Hartford — There’s evidence President Obama is gaining ground on Mitt Romney by bashing GOP Republican vice presidential candidate Paul Ryan’s plan to turn Medicare into a voucher system. Local Democrats are using the same attack on GOP candidates Linda McMahon and Andrew Roraback.
In a telephone press conference Friday, U.S. Senate candidate Rep. Chris Murphy, D-5th District, said Ryan, who will visit Connecticut on Sunday to host three fundraisers, “is coming with a clear message for America’s seniors” — an end to Medicare as we know it.
Murphy said Ryan’s plan to give seniors vouchers to buy private insurance or a traditional Medicare plan would force them to pay more than $6,000 out of pocket to cover all of their medical expenses. He tied McMahon, his Republican rival for a U.S. Senate seat, to Ryan’s controversial plan.
“Linda McMahon may be able to afford $6,000 a year more for medical care, but most seniors in Connecticut can’t,” Murphy said.
A recent poll by The Washington Post and the Kaiser Family Foundation measured the public’s view of Ryan’s plan.
It determined seniors in the swing states of Florida, Ohio and Virginia said Medicare rivals the economy as a top voting issue — and at least 70 percent of the seniors told the pollsters they prefer to keep Medicare as it is.

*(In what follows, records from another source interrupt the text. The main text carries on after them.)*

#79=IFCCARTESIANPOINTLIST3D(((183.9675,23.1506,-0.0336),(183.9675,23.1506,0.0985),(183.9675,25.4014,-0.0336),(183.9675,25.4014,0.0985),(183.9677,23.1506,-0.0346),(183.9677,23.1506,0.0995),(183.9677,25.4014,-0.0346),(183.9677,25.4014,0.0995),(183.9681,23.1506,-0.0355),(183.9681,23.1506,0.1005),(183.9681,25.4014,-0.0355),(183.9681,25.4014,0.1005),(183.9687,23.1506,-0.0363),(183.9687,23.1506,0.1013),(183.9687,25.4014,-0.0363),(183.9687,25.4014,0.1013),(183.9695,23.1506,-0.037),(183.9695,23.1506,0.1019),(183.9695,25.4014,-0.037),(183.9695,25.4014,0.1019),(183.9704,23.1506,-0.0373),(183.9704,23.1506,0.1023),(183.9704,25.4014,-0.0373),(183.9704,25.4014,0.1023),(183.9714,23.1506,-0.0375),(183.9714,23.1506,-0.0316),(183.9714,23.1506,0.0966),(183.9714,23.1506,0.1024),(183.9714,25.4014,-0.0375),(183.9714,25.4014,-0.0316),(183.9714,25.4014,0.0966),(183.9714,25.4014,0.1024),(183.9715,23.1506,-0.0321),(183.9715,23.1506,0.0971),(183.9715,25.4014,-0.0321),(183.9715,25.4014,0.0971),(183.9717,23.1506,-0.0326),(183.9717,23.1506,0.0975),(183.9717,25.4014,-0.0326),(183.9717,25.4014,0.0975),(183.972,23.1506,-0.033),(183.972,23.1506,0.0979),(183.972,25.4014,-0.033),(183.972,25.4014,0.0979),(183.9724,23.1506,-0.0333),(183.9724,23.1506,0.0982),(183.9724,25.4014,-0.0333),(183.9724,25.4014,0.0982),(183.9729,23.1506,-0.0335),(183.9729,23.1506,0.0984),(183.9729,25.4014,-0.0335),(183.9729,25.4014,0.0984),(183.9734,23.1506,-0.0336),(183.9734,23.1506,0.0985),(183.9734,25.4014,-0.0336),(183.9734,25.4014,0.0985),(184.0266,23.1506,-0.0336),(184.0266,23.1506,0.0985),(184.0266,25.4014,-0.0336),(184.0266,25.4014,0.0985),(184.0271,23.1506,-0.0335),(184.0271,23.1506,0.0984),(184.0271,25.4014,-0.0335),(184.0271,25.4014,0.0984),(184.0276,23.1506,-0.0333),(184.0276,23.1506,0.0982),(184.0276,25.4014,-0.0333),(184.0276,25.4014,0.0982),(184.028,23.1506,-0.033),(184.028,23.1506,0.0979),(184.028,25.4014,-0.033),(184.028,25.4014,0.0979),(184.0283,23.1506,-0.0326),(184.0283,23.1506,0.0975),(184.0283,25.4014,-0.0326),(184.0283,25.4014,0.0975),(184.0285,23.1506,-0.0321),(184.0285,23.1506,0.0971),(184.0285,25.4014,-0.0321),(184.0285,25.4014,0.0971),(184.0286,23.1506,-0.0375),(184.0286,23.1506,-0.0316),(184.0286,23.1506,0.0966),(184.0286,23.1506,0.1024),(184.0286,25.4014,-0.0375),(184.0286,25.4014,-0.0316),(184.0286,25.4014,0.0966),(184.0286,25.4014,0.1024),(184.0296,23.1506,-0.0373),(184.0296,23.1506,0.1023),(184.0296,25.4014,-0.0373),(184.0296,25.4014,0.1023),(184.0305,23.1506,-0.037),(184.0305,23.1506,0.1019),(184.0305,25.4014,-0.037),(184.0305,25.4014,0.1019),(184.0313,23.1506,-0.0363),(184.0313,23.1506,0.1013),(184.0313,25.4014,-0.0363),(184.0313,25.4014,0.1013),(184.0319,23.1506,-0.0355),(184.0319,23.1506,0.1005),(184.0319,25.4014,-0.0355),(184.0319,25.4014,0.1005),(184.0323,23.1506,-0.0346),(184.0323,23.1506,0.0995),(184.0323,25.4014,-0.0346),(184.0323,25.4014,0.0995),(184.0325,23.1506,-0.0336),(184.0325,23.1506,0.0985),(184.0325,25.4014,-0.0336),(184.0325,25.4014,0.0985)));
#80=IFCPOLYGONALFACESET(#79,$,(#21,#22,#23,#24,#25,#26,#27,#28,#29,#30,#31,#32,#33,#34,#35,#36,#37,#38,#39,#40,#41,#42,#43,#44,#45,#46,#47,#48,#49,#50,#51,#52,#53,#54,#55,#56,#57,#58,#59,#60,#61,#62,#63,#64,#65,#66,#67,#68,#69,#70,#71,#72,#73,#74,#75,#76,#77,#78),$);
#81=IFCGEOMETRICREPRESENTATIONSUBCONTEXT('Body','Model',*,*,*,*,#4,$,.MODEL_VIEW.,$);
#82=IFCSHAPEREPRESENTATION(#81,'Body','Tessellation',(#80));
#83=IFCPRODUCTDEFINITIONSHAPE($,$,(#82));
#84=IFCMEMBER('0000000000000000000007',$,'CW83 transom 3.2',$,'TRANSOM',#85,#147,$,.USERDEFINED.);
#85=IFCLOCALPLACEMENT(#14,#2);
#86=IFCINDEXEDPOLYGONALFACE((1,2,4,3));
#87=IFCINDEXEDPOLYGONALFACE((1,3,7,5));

Rep. Rosa DeLauro, D-3rd District; Elizabeth Esty, the Democratic candidate for the 5th District congressional seat; and officials of the Connecticut Democratic Party also participated in the conference call.
Roraback has said he does not support Ryan’s voucher plan for Medicare. But Esty said Roraback would be “a vote for [House Speaker] John Boehner and the Tea Party caucus” that supports the plan.
The Democrats also attacked McMahon for remarks about Social Security she made two years ago to a conservative group.
In those remarks, McMahon said she would consider making major changes to Social Security, including raising the retirement age or cutting benefits for wealthier beneficiaries.
She also proposed introducing a “sunset provision” — the legislative term for putting an expiration date on a law unless it is renewed — but it’s not clear what she meant. Her campaign did not return a call requesting a clarification.
In a statement on Friday it responded to Democrat’s charges by attacking Murphy and the help his campaign is receiving from the Democratic Senatorial Campaign Committee.
“Now that Murphy’s rescue squad has taken over, they are swiftly implementing their cookie-cutter national playbook. Unfortunately, Chapter One of that playbook includes distorting Linda McMahon’s record, twisting her words, and outright lying to Connecticut voters,” the statement said.
Murphy has proposed raising the income cap on Social Security taxes to keep the program solvent.